Sorry to be late to the party. Been out of town and then the darn flu hit me. I can help with this one. The scope of all the codes are determined by the board of directors. Chapter 34 was a scoping issue. I'm very happy to say the decision by the board was to fully support the code adoption process voted on by the membership. I can also add that some think that this was a move just to sell more code books. Nothing could be farther from the truth.  Hope this helps.


----------



## Frank (Jan 28, 2013)

There is too much duplication in the codes, and the codes need consolidation--

The IBC and the IFC carry many common provisions.

Do we really need separate plumbing and private sewage disposal codes?

Do we really need separate fuel gas and mechanical codes?

Why not include the energy provisons in the relevant base codes?

Do we really need 5 ways to comply with energy conservation for commercial buildings???  Some of which have conflicting provisions--ie in our zone IECC requires economizers and ASHRAE does not.

C401.2 Application.

Commercial buildings shall comply with one of the following:

1. The requirements of ANSI/ASHRAE/IESNA 90.1.

2. The requirements of Sections C402, C403, C404 and C405. In addition, commercial buildings shall comply with either Section C406.2, C406.3 or C406.4.

3. The requirements of Section C407, C402.4, C403.2, C404, C405.2, C405.3, C405.4, C405.6 and C405.7. The building energy cost shall be equal to or less than 85 percent of the standard reference design building.

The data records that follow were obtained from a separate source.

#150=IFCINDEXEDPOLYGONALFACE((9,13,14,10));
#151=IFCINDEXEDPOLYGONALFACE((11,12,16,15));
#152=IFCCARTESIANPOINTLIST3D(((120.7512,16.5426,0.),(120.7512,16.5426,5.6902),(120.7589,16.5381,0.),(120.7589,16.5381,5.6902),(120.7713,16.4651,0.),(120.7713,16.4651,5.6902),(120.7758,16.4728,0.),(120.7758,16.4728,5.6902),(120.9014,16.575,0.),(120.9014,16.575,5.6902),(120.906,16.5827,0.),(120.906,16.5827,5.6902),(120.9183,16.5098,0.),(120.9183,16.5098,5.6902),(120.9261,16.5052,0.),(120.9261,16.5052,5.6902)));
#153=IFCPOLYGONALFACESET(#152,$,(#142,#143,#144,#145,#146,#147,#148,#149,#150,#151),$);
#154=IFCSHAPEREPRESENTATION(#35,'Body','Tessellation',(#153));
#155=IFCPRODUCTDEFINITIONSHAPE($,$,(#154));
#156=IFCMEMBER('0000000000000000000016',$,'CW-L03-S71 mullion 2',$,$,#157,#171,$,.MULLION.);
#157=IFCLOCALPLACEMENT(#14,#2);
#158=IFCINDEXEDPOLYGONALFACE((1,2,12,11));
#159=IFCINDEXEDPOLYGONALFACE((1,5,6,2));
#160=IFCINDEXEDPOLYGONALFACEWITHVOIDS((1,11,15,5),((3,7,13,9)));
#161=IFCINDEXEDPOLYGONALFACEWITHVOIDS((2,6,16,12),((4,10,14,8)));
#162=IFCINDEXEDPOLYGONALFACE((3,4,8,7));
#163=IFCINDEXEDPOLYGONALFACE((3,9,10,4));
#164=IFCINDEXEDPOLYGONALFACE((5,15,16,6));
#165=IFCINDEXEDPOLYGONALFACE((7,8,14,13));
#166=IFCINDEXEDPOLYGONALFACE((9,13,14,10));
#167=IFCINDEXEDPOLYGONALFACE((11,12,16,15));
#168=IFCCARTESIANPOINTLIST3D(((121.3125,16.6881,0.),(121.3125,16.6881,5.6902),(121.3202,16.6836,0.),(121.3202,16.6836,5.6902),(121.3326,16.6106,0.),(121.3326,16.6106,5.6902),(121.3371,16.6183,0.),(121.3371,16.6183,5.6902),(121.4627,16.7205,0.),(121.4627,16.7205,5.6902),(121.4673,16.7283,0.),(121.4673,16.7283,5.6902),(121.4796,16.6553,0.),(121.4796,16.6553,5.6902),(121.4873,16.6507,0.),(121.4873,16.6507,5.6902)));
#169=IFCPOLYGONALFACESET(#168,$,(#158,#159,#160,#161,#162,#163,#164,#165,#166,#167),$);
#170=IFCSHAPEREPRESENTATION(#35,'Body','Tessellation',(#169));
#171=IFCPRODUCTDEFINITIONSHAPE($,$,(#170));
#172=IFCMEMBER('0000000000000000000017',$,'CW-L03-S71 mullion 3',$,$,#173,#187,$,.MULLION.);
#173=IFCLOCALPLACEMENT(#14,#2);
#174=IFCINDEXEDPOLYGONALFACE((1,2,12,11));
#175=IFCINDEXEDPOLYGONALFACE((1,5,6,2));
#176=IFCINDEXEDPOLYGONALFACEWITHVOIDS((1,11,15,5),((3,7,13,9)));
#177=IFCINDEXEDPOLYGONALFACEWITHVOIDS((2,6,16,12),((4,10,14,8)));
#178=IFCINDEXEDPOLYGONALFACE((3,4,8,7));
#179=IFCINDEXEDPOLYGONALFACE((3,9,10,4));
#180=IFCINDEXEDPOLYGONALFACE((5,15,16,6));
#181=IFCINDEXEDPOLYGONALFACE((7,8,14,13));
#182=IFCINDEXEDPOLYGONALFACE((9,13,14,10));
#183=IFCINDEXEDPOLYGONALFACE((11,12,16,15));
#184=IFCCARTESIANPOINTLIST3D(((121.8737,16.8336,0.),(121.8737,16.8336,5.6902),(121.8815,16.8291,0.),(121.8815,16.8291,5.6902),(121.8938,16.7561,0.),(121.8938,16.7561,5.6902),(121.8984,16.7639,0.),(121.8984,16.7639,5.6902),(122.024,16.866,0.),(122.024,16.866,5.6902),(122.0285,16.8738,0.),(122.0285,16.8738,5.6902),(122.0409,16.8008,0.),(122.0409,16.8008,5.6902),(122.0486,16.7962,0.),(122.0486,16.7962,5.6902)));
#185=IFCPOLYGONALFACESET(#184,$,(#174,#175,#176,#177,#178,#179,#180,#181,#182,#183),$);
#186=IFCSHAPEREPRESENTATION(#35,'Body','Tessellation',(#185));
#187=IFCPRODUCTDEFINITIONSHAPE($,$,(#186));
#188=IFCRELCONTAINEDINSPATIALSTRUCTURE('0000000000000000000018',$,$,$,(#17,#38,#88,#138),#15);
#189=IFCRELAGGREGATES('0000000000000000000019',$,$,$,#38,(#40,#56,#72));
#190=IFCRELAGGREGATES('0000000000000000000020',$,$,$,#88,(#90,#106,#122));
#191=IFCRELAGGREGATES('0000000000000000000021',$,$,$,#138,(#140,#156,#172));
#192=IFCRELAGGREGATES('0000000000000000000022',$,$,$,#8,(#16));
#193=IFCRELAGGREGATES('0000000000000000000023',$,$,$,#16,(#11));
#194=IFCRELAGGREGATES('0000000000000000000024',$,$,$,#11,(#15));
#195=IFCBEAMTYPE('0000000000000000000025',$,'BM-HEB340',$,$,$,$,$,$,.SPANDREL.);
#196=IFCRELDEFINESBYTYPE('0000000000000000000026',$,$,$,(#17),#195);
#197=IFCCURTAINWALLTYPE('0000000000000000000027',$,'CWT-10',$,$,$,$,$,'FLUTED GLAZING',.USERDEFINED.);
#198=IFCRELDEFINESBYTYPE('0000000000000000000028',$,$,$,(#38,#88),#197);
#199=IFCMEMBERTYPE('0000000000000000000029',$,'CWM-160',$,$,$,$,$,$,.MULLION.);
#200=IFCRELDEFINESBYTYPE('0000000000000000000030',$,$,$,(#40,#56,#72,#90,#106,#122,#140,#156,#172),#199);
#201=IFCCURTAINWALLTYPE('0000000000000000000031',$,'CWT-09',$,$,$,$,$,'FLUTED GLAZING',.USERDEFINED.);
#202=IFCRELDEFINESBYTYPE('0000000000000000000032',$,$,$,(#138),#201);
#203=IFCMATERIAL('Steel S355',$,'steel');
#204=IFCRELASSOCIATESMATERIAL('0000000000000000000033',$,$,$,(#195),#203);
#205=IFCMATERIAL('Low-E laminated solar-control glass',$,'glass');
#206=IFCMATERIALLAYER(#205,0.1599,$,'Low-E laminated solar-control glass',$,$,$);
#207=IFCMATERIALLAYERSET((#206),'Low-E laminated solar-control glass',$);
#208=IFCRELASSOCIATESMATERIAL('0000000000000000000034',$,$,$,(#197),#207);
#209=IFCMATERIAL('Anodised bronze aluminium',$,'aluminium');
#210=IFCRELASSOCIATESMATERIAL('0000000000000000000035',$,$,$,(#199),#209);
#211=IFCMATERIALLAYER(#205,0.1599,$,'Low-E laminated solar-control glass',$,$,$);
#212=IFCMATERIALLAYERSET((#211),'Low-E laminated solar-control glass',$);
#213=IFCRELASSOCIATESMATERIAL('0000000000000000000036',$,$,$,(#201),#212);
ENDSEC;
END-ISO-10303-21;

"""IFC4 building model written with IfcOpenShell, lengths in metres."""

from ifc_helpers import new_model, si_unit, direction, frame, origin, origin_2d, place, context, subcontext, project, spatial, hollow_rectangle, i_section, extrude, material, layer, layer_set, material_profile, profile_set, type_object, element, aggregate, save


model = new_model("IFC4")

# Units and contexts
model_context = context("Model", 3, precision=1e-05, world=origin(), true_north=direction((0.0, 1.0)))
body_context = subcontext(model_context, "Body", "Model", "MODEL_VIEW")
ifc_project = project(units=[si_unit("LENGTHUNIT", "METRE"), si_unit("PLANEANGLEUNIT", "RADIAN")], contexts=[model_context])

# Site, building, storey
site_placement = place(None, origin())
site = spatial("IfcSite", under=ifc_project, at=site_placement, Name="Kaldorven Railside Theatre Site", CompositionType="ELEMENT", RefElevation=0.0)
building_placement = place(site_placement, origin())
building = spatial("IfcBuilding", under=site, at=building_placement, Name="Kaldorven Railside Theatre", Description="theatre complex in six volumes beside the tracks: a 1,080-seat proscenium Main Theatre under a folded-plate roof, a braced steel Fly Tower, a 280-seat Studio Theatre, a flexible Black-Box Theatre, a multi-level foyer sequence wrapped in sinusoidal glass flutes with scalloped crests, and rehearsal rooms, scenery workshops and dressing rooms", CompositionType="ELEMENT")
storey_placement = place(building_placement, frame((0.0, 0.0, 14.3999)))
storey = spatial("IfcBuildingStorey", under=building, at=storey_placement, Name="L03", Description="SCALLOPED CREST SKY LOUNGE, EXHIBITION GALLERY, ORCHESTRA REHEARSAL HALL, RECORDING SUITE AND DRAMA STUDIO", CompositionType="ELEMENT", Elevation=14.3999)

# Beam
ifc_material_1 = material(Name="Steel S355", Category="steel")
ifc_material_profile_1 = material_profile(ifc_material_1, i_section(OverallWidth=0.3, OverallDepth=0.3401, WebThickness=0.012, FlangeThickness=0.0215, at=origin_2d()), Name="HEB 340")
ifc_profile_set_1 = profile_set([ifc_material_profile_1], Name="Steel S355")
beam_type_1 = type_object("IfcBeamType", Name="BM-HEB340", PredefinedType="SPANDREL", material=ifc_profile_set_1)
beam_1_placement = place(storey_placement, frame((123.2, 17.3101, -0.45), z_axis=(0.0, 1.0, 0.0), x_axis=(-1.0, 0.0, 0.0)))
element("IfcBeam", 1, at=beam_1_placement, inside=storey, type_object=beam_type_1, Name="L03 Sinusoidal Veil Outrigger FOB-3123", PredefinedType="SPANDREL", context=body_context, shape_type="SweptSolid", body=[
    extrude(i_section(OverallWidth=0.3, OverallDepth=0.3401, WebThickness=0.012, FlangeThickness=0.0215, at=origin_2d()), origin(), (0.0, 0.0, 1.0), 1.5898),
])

and the ASHRAE 90.1 gives 2 paths..


----------



## Moscow (Jan 28, 2013)

Hey Jim its Justin how are you feeling. Sorry I was not able to come down on Friday to check in with you. Tell Patty I said hi.

Sorry to go off topic.



			
				jpranch said:
			
		

> Sorry to be late to the party. Been out of town and then the darn flu hit me. I can help with this one. The scope of all the codes are determined by the board of directors. Chapter 34 was a scoping issue. I'm very happy to say the decision by the board was to fully support the code adoption process voted on by the membership. I can also add that some think that this was a move just to sell more code books. Nothing could be farther from the truth.  Hope this helps.


----------



## Yankee (Jan 29, 2013)

I like all the different codes in their own books, I'm starting to have a hard time hauling around the IRC : ))))


----------